There is already ample evidence to suggest that adult gay men and women experience poorer health relative to straight people.
For one thing, gay men have been more heavily affected by the AIDS epidemic than the general population. According to the Centers for Disease Control and Prevention, between 2006 and 2009, gay men — and other men who have sex with men — were the only risk group to experience an increase in HIV incidence. There also is a wealth of data showing that gay men and women are more likely to engage in smoking, alcohol and drug use, and experience poorer mental health.
A study of 577 gay adults by Sean McCabe and colleagues at the University of Michigan showed that gay adults who experience discrimination are nearly four times more likely to experience substance abuse disorders, while Diana Burgess and colleagues at the University of Minnesota noted that compared with heterosexuals, gay adults are 68% more likely to experience depression and 56% more likely to experience anxiety.
Ilan Meyer, a senior scholar at UCLA’s School of Law, offers an explanation for these disparities through the “Theory of Minority Stress,” which suggests that these health inequities may be rooted in discrimination, with negative health behaviors acting as coping mechanisms for repeated exposure to stigma-related stress.
As impressionable children we internalize messages we receive about what is right, what is normal, what we are allowed to be — each shaping our views about our sexual identity and whether we “belong.” Being exposed to messages that same-sex relationships are not “normal” is damaging. These messages set scripts for youth to follow, divide them into normal and abnormal, and arm bullies with justification to harm them. As my own research shows, these messages have lasting impacts — sometimes fatal — on health behaviors as adults.

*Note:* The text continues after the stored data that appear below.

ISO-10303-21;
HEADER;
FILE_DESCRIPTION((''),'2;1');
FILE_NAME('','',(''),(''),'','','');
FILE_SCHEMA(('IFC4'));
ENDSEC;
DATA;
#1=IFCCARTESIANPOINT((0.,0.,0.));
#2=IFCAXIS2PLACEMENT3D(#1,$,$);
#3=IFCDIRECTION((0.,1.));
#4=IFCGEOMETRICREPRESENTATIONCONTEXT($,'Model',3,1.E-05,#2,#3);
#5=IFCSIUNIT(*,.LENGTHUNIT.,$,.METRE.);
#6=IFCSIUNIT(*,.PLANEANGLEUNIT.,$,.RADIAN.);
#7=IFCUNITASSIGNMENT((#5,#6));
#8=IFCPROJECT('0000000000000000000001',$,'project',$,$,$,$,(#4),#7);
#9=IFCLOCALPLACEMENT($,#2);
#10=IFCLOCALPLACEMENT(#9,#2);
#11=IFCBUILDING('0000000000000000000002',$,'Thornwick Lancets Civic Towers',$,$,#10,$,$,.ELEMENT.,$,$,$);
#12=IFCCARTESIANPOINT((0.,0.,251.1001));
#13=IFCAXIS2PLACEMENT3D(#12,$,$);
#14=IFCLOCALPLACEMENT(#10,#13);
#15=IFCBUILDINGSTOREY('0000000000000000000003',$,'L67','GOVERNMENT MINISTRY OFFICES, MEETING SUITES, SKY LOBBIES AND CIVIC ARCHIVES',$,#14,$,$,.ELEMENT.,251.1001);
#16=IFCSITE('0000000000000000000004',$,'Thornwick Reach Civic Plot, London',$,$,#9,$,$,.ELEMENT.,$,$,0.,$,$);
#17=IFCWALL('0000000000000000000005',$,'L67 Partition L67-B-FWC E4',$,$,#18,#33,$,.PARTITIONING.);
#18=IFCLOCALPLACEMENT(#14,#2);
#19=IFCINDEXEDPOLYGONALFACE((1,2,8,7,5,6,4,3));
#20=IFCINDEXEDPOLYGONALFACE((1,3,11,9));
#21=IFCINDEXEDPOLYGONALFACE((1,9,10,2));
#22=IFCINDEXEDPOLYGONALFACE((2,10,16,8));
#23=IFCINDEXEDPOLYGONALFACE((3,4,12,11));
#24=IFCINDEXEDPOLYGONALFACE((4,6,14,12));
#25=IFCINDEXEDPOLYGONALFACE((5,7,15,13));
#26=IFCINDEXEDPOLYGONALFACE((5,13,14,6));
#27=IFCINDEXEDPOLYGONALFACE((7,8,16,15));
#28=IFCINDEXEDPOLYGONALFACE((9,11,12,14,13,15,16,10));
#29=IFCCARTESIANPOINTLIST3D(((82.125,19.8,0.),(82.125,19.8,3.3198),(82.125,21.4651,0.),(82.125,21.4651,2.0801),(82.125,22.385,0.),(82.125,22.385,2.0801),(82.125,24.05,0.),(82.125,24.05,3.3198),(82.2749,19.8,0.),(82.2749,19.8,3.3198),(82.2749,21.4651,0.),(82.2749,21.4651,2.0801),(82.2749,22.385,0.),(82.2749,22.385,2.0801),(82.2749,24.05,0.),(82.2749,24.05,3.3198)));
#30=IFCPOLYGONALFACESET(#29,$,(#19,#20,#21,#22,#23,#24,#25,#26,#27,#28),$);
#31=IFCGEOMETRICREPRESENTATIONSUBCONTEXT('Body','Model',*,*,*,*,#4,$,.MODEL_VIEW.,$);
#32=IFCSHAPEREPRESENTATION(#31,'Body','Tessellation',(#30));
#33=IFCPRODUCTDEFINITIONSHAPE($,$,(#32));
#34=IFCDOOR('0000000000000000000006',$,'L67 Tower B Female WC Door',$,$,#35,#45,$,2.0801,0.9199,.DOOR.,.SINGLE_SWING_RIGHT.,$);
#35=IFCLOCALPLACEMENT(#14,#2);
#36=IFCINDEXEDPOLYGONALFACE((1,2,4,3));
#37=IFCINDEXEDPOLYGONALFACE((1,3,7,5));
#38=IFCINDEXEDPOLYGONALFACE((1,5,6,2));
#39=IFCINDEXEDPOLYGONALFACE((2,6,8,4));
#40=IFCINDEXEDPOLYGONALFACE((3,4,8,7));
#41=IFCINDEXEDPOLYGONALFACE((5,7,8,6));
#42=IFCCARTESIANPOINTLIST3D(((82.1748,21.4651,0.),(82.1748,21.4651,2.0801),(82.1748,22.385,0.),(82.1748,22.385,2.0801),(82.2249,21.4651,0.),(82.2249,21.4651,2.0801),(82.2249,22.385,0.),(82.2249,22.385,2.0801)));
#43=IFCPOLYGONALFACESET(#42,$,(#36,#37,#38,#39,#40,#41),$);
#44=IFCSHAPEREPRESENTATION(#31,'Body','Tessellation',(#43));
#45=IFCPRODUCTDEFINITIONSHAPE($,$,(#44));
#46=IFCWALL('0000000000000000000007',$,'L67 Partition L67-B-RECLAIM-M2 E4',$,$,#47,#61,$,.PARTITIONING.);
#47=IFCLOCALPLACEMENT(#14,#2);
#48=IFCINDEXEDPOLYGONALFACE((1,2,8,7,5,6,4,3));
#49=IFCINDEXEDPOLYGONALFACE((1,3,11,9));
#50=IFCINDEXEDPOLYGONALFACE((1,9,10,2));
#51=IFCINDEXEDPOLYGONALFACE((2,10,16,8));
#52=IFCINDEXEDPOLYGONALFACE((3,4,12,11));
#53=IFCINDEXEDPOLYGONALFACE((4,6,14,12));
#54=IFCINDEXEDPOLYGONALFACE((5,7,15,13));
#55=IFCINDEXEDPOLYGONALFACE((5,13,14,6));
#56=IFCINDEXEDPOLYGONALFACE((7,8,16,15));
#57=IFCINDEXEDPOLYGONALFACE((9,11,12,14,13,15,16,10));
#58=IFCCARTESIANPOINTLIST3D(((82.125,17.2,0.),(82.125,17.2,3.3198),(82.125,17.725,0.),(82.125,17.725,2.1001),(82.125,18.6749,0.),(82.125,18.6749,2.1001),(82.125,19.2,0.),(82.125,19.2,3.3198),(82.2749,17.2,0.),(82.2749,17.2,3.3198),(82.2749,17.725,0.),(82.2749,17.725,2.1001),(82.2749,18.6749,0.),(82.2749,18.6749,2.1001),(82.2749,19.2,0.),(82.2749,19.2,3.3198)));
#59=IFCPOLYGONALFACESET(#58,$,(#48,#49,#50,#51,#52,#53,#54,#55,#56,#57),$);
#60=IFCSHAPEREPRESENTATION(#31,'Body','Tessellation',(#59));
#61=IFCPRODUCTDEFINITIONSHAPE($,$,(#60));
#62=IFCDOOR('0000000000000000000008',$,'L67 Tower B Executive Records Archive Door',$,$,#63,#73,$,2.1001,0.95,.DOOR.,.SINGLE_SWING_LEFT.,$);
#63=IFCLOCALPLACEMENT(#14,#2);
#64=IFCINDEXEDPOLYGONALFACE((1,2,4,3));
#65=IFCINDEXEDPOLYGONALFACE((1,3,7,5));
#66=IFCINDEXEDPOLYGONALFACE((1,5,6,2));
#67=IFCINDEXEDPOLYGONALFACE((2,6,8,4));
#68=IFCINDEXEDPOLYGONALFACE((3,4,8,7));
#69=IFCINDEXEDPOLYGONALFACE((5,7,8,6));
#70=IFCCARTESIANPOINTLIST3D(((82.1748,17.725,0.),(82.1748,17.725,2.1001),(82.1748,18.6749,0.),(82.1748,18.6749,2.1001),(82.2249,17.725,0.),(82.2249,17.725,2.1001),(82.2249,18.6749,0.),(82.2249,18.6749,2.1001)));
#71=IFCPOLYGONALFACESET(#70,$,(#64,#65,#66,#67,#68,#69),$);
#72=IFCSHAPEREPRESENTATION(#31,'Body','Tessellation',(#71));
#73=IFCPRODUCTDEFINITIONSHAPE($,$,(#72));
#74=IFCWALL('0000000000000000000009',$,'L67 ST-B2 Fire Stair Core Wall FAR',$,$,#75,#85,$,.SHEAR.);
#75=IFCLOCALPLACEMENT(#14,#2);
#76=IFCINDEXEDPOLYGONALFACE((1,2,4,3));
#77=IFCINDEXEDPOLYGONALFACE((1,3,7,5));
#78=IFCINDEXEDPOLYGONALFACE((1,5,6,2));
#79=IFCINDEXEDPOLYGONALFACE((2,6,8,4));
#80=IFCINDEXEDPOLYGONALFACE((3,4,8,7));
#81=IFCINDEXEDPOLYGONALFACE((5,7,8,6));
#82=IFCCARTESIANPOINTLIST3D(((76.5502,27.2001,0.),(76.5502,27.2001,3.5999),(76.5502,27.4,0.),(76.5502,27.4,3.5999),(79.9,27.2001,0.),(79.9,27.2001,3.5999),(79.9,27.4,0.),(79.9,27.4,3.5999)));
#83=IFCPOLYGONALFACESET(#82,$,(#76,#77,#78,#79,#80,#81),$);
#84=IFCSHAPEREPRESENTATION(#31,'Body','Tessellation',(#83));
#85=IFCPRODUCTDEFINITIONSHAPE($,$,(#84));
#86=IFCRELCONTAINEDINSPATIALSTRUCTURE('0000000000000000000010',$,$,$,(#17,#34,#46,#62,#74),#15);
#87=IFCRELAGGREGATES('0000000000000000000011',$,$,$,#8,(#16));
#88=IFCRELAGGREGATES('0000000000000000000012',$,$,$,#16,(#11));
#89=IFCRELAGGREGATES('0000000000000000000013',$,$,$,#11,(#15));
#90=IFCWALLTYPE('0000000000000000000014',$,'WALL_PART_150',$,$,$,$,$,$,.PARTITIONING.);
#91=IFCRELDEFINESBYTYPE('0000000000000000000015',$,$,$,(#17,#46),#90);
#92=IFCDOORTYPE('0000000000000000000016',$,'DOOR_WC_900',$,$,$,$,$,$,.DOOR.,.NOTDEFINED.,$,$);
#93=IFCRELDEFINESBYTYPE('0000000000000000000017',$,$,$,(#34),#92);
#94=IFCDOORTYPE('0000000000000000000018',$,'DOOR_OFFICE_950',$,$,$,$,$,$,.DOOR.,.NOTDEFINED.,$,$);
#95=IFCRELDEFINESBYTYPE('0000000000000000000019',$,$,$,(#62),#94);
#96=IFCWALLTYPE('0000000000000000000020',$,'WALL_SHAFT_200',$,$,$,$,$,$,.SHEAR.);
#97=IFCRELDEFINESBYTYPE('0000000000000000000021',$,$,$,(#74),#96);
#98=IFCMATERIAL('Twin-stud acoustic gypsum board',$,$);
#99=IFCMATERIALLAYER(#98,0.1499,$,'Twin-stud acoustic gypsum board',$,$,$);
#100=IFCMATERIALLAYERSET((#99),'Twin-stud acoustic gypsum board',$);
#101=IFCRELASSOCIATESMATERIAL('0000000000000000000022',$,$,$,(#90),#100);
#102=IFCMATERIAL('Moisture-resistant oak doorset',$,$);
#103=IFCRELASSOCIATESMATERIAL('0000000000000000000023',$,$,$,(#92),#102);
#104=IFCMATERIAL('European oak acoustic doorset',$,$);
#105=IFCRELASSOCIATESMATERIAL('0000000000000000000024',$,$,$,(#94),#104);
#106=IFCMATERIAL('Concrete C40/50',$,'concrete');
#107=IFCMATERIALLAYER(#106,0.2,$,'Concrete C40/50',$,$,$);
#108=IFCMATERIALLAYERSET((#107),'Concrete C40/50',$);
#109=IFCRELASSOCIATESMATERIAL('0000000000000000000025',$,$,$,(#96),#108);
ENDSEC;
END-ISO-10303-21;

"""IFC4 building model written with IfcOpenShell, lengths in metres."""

from ifc_helpers import new_model, si_unit, direction, frame, frame_2d, origin, place, context, subcontext, project, spatial, rectangle, extrude, material, layer, layer_set, type_object, element, fill, save


model = new_model("IFC4")

# Units and contexts
model_context = context("Model", 3, precision=1e-05, world=origin(), true_north=direction((0.0, 1.0)))
body_context = subcontext(model_context, "Body", "Model", "MODEL_VIEW")
ifc_project = project(units=[si_unit("LENGTHUNIT", "METRE"), si_unit("PLANEANGLEUNIT", "RADIAN")], contexts=[model_context])

# Site, building, storey
site_placement = place(None, origin())
site = spatial("IfcSite", under=ifc_project, at=site_placement, Name="Thornwick Reach Civic Plot, London", CompositionType="ELEMENT", RefElevation=0.0)
building_placement = place(site_placement, origin())
building = spatial("IfcBuilding", under=site, at=building_placement, Name="Thornwick Lancets Civic Towers", CompositionType="ELEMENT")
storey_placement = place(building_placement, frame((0.0, 0.0, 251.1001)))
storey = spatial("IfcBuildingStorey", under=building, at=storey_placement, Name="L67", Description="GOVERNMENT MINISTRY OFFICES, MEETING SUITES, SKY LOBBIES AND CIVIC ARCHIVES", CompositionType="ELEMENT", Elevation=251.1001)

# Shared definitions
ifc_material_1 = material(Name="Twin-stud acoustic gypsum board")
ifc_layer_1 = layer(ifc_material_1, 0.1499, Name="Twin-stud acoustic gypsum board")
ifc_layer_set_1 = layer_set([ifc_layer_1], Name="Twin-stud acoustic gypsum board")
wall_type_1 = type_object("IfcWallType", Name="WALL_PART_150", PredefinedType="PARTITIONING", material=ifc_layer_set_1)

# Walls, openings, doors
wall_1_placement = place(storey_placement, frame((82.2, 24.05, 0.0), z_axis=(0.0, 0.0, 1.0), x_axis=(0.0, -1.0, 0.0)))
wall_1 = element("IfcWall", 1, at=wall_1_placement, inside=storey, type_object=wall_type_1, Name="L67 Partition L67-B-FWC E4", PredefinedType="PARTITIONING", context=body_context, shape_type="SweptSolid", body=[
    extrude(rectangle(XDim=4.25, YDim=0.1499, at=frame_2d((2.125, 0.0))), origin(), (0.0, 0.0, 1.0), 3.3198),
])
opening_1_placement = place(wall_1_placement, frame((1.665, 0.0, 0.0)))
opening_1 = element("IfcOpeningElement", 2, at=opening_1_placement, cuts=wall_1, PredefinedType="OPENING", context=body_context, shape_type="SweptSolid", body=[
    extrude(rectangle(XDim=0.9199, YDim=2.0801, at=frame_2d((0.46, 1.04))), frame((0.0, 0.085, 0.0), z_axis=(0.0, -1.0, 0.0), x_axis=(1.0, 0.0, 0.0)), (0.0, 0.0, 1.0), 0.1699),
])
ifc_material_2 = material(Name="Moisture-resistant oak doorset")
door_type_1 = type_object("IfcDoorType", Name="DOOR_WC_900", OperationType="NOTDEFINED", PredefinedType="DOOR", material=ifc_material_2)
door_1_placement = place(opening_1_placement, origin())
door_1 = element("IfcDoor", 3, at=door_1_placement, inside=storey, type_object=door_type_1, Name="L67 Tower B Female WC Door", OperationType="SINGLE_SWING_RIGHT", OverallHeight=2.0801, OverallWidth=0.9199, PredefinedType="DOOR", context=body_context, shape_type="SweptSolid", body=[
    extrude(rectangle(XDim=0.9199, YDim=2.0801, at=frame_2d((0.46, 1.04))), frame((0.0, 0.0249, 0.0), z_axis=(0.0, -1.0, 0.0), x_axis=(1.0, 0.0, 0.0)), (0.0, 0.0, 1.0), 0.05),
])
fill(opening_1, door_1)
wall_2_placement = place(storey_placement, frame((82.2, 19.2, 0.0), z_axis=(0.0, 0.0, 1.0), x_axis=(0.0, -1.0, 0.0)))
wall_2 = element("IfcWall", 4, at=wall_2_placement, inside=storey, type_object=wall_type_1, Name="L67 Partition L67-B-RECLAIM-M2 E4", PredefinedType="PARTITIONING", context=body_context, shape_type="SweptSolid", body=[
    extrude(rectangle(XDim=2.0, YDim=0.1499, at=frame_2d((1.0, 0.0))), origin(), (0.0, 0.0, 1.0), 3.3198),
])
opening_2_placement = place(wall_2_placement, frame((0.5249, 0.0, 0.0)))
opening_2 = element("IfcOpeningElement", 5, at=opening_2_placement, cuts=wall_2, PredefinedType="OPENING", context=body_context, shape_type="SweptSolid", body=[
    extrude(rectangle(XDim=0.95, YDim=2.1001, at=frame_2d((0.4751, 1.05))), frame((0.0, 0.085, 0.0), z_axis=(0.0, -1.0, 0.0), x_axis=(1.0, 0.0, 0.0)), (0.0, 0.0, 1.0), 0.1699),
])
ifc_material_3 = material(Name="European oak acoustic doorset")
door_type_2 = type_object("IfcDoorType", Name="DOOR_OFFICE_950", OperationType="NOTDEFINED", PredefinedType="DOOR", material=ifc_material_3)
door_2_placement = place(opening_2_placement, origin())
door_2 = element("IfcDoor", 6, at=door_2_placement, inside=storey, type_object=door_type_2, Name="L67 Tower B Executive Records Archive Door", OperationType="SINGLE_SWING_LEFT", OverallHeight=2.1001, OverallWidth=0.95, PredefinedType="DOOR", context=body_context, shape_type="SweptSolid", body=[
    extrude(rectangle(XDim=0.95, YDim=2.1001, at=frame_2d((0.4751, 1.05))), frame((0.0, 0.0249, 0.0), z_axis=(0.0, -1.0, 0.0), x_axis=(1.0, 0.0, 0.0)), (0.0, 0.0, 1.0), 0.05),
])
fill(opening_2, door_2)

The consequences for youth are painfully illustrated by the It Gets Better Project, created by writer Dan Savage in 2010 to give gay youth hope that life will be easier as a gay adult. Savage developed the project in response to the high rates of suicide among gay youth. Research indeed shows that gays are significantly more likely to attempt suicide compared with heterosexual youth (21.5% vs 4.2%), and that among gay youth, the risk of attempting suicide is 20% greater in unsupportive environments compared with supportive environments.
Being told we are different at an age when we are trying to establish who we are can be devastating. But what if it didn’t have to get better? What if it could be better from the start?
Last week the Boy Scouts sent an important signal to gay youth: You are not different. But it is not quite enough. The ban on gay Scout leaders remains. Last week, Senate Judiciary Committee Chairman Patrick Leahy, D-Vermont, withdrew his proposed amendment to provide U.S. citizens the right to sponsor their same-sex partners for green cards.
And in June the Supreme Court will vote on the Defense of Marriage Act. Each inequity sends a message to young people that they can expect not to be treated equally when they grow up, setting them on the pathway to lowered self-esteem and poorer health. Perhaps it is time to examine how we are treating America’s gay youth through that lens. By creating equality, we can create better health — right from the start.
Editor’s note: Rob Stephenson is a Public Voices Fellow with the OpEd Project and associate professor of Global Health at Emory University.